On Aug. 25, the girls were discovered at the ranch. They put up a fight and shots were fired before surrendering. After their arrest, they complained that “if they had known there were only four officers surrounding them, they would have fought their way out.”
Newspapers reported the Department of Justice was somewhat perplexed at how to deal with the teenage girls. While officials considered their options, a reporter was allowed to talk with them. McDoulet said she was “past redemption” and would return to crime when released. He described her as “large for her age, but possesses a pretty face, something the Midkiff girl cannot boast of.” Whereas, “the Midkiff girl sits in the federal jail and sulks and is afraid to look into a mirror for fear of cracking it.” A newspaper said Stevenson was “a splendid sample of the new woman in a depraved line.”
McDoulet was committed to reform school in South Farmington, Massachusetts, and left on Sept. 5. Stevenson had to stay to testify as a witness in the Patsy Alred murder trial. Jennie was convicted of horse stealing and sentenced to two years in the Massachusetts Reformatory prison in Sherborn.

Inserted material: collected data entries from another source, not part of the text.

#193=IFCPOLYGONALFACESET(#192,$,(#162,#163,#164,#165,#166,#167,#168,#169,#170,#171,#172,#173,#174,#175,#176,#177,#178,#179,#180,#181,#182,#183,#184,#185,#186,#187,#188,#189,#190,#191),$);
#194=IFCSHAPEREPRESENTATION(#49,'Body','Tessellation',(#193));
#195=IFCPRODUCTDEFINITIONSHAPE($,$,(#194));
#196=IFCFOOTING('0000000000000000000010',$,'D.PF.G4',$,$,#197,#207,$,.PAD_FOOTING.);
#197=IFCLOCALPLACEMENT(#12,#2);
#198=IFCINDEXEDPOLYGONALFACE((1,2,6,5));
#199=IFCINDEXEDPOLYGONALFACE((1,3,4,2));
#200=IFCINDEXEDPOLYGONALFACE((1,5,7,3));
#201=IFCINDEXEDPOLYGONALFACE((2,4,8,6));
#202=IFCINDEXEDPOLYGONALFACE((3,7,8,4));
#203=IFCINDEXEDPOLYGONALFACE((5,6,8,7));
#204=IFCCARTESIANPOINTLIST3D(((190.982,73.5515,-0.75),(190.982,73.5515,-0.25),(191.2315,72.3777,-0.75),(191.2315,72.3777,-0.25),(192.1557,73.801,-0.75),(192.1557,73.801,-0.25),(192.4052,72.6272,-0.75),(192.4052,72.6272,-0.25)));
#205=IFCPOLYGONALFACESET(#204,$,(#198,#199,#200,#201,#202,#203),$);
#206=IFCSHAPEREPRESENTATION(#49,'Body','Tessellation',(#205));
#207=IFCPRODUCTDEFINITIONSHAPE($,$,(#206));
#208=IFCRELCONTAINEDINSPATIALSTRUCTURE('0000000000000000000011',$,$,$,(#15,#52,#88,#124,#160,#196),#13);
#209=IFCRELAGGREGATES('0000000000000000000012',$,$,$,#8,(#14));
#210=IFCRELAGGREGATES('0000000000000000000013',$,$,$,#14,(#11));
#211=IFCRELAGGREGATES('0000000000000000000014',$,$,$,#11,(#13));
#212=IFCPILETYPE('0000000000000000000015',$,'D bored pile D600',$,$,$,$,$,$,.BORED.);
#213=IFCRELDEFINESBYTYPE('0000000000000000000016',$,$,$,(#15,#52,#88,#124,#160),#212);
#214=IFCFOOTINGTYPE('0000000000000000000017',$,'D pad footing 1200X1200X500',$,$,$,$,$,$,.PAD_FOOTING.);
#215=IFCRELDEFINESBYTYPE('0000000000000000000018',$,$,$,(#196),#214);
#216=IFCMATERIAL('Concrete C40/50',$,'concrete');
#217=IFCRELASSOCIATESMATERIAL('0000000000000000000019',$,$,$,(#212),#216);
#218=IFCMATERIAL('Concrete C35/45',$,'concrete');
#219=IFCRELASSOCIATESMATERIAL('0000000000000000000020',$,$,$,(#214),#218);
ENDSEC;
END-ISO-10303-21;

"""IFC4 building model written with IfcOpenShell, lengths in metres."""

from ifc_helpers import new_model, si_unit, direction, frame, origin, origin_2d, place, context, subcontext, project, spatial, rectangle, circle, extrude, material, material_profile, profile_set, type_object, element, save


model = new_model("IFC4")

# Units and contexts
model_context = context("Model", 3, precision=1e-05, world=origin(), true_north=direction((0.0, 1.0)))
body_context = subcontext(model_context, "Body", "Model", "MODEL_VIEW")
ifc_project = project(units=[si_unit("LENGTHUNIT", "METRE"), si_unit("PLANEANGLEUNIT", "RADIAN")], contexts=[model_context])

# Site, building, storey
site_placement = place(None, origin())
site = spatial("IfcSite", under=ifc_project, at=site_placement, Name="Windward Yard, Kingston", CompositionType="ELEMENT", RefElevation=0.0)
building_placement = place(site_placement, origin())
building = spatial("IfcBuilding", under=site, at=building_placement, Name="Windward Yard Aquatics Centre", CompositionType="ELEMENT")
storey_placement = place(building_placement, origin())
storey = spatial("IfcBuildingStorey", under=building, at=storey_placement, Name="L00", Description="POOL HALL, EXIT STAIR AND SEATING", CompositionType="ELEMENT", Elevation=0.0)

McDoulet was paroled just a few months into her one-year sentence due to poor health. Two stories circulated about her fate. One said she refused to return to Oklahoma lest she go back to crime. Instead, she worked as a domestic in Massachussets and later New York, where it is said she died of consumption, or tuberculosis. In the other story, she eventually returned to Oklahoma, married, had two children, then divorced. She married J.W. Roach and lived quietly until her death at age 94.
Stevenson entered the reformatory in November 1895. She was released in October 1896 for good behavior. She returned to her parents in Sinnett and disappeared from history.
Their story was the basis for the 1980 film, “Cattle Annie and Little Britches.” It starred Amanda Plummer, Diane Lane and Burt Lancaster. Almost as romanticized as dime novels, it bore only tenuous ties to their real lives.
After falling in love with romanticized tales of outlaw life, the girls learned over their two-year crime spree it was not that romantic. Gangs fell apart due to deaths, internal strife or arrests. Yet they proved to be just as adept as men at crime. But life on the run could not sustain the allure dime novels held out and both women chose the path of reformation upon release.